After “some time out”, the Commission foresees a next meeting – at expert, not political level – after the summer break. This would be followed by a political meeting in September.
Frustration
In the meantime, Naftogaz announced on 30 June that it would suspend gas purchases from Gazprom from 1 July pending agreement on new supply conditions. The delivery of Russian gas via Ukraine to Gazprom clients in the EU and Turkey would not be affected, Naftogaz said.
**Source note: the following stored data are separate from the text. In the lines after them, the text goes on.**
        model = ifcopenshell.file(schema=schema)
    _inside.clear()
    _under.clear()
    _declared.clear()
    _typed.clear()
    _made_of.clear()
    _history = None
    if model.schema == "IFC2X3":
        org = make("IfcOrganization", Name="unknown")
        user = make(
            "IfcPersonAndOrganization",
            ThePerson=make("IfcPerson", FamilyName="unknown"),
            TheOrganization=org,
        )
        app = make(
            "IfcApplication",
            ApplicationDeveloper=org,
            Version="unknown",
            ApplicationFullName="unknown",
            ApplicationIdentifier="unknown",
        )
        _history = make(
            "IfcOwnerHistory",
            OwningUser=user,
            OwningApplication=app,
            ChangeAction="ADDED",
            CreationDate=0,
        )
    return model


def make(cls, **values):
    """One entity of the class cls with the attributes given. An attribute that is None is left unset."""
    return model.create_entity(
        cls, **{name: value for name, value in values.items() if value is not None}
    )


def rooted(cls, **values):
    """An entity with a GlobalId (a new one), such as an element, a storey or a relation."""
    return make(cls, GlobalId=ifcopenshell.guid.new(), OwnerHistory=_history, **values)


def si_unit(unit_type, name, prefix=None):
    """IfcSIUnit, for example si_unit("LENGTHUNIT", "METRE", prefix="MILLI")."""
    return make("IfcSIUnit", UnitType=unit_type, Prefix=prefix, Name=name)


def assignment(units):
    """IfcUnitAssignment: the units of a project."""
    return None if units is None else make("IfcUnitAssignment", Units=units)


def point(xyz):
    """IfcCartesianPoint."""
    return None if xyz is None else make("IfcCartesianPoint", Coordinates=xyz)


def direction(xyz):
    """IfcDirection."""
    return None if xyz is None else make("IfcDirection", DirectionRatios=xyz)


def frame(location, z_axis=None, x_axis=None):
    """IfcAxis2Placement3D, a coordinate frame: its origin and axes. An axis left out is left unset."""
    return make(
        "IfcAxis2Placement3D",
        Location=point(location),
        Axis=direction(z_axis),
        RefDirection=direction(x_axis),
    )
The company said it was “ready” to renew gas purchases as soon as a “comprehensive temporary agreement” is reached that covers “all unresolved issues”. The agreement should run “at least until 31 March 2016” and should be “binding in order to ensure its implementation by all sides”. Naftogaz said Russia “rejected” the temporary agreement on the table in Vienna and “refused to sign a trilateral protocol”.
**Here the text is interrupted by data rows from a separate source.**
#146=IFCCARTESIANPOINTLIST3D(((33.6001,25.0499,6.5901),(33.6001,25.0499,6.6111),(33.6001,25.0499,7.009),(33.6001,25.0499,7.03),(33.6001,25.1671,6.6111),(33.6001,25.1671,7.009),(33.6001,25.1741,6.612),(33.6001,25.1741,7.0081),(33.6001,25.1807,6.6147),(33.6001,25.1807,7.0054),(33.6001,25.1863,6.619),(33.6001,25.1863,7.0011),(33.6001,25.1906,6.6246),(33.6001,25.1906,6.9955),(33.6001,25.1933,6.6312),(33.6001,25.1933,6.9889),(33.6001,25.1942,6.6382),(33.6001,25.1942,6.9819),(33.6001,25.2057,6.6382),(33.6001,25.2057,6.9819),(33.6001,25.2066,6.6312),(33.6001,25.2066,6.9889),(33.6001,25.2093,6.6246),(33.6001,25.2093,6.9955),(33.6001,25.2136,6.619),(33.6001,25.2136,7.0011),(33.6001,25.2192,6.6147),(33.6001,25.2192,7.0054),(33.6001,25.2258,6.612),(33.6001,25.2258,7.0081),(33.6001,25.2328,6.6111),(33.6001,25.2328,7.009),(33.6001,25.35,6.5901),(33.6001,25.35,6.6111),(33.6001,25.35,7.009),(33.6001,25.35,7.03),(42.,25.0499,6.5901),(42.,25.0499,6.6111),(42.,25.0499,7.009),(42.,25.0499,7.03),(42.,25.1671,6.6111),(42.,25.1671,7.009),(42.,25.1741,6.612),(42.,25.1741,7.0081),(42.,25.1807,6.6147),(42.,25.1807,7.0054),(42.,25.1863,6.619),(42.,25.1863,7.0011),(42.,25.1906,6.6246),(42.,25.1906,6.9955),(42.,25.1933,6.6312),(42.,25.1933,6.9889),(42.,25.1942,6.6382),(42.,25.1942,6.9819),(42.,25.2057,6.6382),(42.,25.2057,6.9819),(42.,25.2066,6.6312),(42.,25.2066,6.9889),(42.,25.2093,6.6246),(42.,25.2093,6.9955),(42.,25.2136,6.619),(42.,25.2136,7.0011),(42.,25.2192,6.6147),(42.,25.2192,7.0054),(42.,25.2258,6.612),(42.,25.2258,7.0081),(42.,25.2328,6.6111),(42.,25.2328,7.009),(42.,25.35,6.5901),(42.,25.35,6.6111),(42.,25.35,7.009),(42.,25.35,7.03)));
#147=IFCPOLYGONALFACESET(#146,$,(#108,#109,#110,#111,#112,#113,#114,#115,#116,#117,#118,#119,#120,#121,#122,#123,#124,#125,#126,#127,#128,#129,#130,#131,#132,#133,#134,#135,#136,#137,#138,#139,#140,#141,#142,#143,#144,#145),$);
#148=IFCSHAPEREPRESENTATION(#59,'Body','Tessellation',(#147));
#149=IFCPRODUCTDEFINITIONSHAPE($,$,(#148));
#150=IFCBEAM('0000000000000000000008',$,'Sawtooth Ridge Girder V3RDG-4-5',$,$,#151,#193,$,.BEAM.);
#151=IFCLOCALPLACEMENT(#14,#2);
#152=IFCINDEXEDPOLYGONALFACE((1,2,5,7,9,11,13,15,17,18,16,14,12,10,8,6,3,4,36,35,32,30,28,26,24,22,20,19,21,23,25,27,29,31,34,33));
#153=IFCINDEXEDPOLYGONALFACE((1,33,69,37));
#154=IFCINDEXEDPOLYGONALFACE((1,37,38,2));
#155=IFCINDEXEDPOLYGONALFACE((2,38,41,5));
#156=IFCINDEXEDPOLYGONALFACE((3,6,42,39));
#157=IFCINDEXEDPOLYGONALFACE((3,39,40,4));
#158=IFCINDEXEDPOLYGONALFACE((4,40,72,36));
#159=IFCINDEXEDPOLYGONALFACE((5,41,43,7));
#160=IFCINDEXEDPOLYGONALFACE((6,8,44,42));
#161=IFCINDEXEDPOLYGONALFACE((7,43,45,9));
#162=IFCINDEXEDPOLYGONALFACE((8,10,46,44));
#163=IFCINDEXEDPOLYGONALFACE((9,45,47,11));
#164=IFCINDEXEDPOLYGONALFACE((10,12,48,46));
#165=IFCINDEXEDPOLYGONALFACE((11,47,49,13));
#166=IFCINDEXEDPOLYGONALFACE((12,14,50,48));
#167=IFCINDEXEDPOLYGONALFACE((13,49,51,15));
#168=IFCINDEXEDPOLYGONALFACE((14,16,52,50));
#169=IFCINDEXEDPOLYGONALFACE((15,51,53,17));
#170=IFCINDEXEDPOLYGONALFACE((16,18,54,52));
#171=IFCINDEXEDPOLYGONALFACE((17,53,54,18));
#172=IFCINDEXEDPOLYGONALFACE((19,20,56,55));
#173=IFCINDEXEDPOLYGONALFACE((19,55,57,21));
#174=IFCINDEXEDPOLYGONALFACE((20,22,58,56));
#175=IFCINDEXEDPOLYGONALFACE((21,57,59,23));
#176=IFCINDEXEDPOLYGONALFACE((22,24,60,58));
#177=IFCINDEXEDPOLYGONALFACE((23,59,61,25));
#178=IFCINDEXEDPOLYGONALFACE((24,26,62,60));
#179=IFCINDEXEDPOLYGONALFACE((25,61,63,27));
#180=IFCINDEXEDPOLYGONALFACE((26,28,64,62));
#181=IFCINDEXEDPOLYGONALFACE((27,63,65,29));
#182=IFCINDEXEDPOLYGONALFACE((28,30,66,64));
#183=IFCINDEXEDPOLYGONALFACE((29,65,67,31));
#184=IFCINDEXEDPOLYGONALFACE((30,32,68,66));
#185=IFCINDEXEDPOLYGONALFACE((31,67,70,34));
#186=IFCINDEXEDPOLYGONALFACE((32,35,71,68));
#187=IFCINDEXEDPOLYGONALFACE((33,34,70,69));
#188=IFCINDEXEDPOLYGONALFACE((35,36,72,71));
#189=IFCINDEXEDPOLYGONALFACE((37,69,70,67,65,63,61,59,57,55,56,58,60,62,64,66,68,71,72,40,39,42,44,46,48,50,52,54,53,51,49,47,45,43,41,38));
But Šefčovič appeared to express frustration with the Ukrainians as much as with the Russians. The lack of a deal is not good for the image of Russia as a reliable supplier or Ukraine as a reliable transit country, he said. “Gazprom is very responsible for the image of gas in Europe,” he added. Gazprom’s share in the European market grew by 7% from 2010-14, despite a 20% decline in demand, Gazprom CEO Alexei Miller told shareholders on 26 June.
The EU meanwhile, has recently agreed a fresh loan of €1.8bn for Ukraine, of which €600 million is due to be mobilised by the end of July. It wants to see a financial plan from Naftogaz and the Ukrainian authorities on how they intend to use this money – and their own – to pay for gas in future. This is an issue whether it’s Russian gas or not.